The hall dismissed him like a problem temporarily shelved.

As he turned to leave, he felt Helian Feng's gaze on his back like a blade resting against spine.

He walked out of the Discipline Hall, and the cold air outside hit him like a slap. The courtyard pines swayed slightly in the wind, needles whispering like gossip.

Shen Lu forced himself to keep walking.

Only when he reached the corridor again did he allow himself one small, shaky breath.

Confined.

Investigated.

His weapon sealed.

And Helian Feng had spoken in a way that made it clear: he wasn't going to let this go. Not because he cared about some outer disciple's injury. Not because he wanted justice for the alchemy hall.

Because he wanted Shen Lu's fall.

Because the book had taught him to believe Shen Lu deserved it.

Shen Lu pressed a hand to his chest wound, feeling the bandages, feeling the fragile boundary between being alive and being a chapter ten corpse.

He had made it through the first confrontation without being dragged to the yard and beaten. That was something.

But survival wasn't just about avoiding death.

It was about avoiding the story itself.

As he reached his quarters, he saw two disciples standing by his door. Their posture was respectful, but their eyes were not.

Guards.

Shen Lu paused, then stepped past them without looking at their faces. Inside his room, the oil lamp still burned low. The mirror still hung on the wall, reflecting a villain's face.

He closed the door behind him, and the guards' footsteps settled outside like a warning.

Shen Lu stood alone, breathing in bitter incense, and tried to steady his thoughts.

He had proven he could call the whip.

He had proven that this body carried power.

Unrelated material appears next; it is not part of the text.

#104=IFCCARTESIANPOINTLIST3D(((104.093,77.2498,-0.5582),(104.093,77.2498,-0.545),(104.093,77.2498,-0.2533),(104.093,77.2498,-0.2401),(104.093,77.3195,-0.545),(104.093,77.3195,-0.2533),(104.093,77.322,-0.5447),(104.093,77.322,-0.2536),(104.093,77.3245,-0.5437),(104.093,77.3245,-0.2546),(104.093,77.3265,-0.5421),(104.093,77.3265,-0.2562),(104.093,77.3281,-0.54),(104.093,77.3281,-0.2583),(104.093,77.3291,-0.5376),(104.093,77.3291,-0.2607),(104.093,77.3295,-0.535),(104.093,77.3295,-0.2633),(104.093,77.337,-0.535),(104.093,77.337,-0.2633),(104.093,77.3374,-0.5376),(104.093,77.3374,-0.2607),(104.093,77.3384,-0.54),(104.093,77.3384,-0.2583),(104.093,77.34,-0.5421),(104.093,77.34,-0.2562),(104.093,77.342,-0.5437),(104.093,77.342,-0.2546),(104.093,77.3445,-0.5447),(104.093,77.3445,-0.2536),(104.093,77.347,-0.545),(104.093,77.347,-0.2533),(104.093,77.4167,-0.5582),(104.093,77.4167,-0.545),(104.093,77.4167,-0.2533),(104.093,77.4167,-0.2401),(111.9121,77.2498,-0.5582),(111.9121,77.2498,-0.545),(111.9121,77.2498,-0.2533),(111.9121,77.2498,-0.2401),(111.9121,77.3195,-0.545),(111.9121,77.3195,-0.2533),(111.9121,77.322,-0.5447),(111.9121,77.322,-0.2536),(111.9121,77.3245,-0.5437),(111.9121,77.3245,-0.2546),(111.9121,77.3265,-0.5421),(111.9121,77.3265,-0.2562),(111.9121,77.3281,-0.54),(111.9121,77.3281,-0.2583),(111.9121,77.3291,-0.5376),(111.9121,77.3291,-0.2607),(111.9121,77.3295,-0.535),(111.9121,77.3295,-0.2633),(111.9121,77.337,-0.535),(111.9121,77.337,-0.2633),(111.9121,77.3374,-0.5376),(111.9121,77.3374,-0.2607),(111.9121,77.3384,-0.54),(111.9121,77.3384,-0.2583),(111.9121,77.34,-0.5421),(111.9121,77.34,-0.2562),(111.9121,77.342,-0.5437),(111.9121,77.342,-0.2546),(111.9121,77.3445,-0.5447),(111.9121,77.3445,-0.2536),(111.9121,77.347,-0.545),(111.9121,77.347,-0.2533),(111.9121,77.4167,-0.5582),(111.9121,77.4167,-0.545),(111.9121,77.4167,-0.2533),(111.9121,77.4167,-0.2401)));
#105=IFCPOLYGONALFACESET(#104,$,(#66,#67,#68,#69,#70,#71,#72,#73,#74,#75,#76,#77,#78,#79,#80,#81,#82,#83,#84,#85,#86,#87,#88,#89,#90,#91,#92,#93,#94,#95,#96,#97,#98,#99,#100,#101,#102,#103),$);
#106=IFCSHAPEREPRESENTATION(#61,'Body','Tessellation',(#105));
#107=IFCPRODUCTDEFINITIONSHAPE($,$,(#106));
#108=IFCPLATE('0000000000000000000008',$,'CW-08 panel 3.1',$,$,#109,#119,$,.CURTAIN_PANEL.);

But he had also drawn Helian Feng's attention in a way that felt like stepping under a storm cloud and daring the lightning to fall.

He needed leverage.

He needed value.

And he needed, somehow, to get close enough to Helian Feng to change the ending—without giving Helian Feng a reason to finish the story early.

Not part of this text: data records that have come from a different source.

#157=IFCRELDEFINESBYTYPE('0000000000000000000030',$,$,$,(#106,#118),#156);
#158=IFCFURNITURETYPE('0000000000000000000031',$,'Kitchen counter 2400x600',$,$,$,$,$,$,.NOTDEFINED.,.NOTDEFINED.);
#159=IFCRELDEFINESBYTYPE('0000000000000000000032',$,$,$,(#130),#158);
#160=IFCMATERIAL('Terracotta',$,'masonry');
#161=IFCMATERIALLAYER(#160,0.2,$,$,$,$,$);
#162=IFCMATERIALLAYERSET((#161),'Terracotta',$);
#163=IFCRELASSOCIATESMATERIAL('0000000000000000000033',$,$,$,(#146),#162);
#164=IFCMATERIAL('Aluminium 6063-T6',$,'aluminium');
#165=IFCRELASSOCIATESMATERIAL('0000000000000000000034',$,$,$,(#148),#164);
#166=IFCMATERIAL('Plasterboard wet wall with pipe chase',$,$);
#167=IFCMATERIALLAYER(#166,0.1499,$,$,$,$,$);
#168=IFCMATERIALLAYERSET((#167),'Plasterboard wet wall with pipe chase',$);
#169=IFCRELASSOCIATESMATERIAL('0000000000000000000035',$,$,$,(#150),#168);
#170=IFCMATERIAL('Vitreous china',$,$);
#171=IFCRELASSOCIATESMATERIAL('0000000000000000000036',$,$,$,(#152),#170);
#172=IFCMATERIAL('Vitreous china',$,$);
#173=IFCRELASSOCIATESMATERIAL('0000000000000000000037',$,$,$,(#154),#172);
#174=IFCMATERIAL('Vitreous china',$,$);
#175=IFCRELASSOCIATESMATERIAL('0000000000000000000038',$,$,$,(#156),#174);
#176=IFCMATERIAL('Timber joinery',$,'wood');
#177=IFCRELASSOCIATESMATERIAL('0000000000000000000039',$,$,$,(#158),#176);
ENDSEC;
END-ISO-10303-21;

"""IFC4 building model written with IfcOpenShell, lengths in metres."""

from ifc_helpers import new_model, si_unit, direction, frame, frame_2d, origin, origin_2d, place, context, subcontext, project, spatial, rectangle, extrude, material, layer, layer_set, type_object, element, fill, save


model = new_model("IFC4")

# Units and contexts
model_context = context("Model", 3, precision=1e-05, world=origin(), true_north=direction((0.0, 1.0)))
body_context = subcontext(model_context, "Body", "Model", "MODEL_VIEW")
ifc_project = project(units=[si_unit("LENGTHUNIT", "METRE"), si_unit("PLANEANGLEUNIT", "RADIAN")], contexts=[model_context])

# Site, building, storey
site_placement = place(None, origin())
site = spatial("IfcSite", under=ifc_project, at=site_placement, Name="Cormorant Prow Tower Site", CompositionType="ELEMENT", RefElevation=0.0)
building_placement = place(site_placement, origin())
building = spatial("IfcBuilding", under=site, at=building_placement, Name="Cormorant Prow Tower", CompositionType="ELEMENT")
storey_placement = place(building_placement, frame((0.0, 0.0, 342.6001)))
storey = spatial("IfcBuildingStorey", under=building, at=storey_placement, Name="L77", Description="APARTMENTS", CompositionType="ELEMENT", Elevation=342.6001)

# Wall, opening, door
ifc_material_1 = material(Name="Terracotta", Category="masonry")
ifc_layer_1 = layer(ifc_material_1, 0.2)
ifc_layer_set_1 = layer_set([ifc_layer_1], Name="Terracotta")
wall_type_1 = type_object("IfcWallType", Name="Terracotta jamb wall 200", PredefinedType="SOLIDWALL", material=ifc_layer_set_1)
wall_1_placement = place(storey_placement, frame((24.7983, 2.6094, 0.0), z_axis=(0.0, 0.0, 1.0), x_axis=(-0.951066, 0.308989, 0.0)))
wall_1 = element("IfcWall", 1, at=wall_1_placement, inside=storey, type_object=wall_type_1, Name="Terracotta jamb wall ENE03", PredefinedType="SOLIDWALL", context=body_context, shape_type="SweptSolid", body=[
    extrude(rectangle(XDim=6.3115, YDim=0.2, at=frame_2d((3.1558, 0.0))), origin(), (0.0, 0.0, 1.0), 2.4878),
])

Shen Lu stared at his hands.

Alchemy hands.

Hands that could heal.

Hands that had hurt people.

He clenched them into fists until his nails bit into his palms.

Outside, the guards shifted, the sound of armor and cloth.

Inside, Shen Lu whispered, barely audible, as if speaking it might make it real.

"Ten chapters," he said.

Then, with a steadiness he did not feel, he began to plan how to steal himself back from the fate written on a page.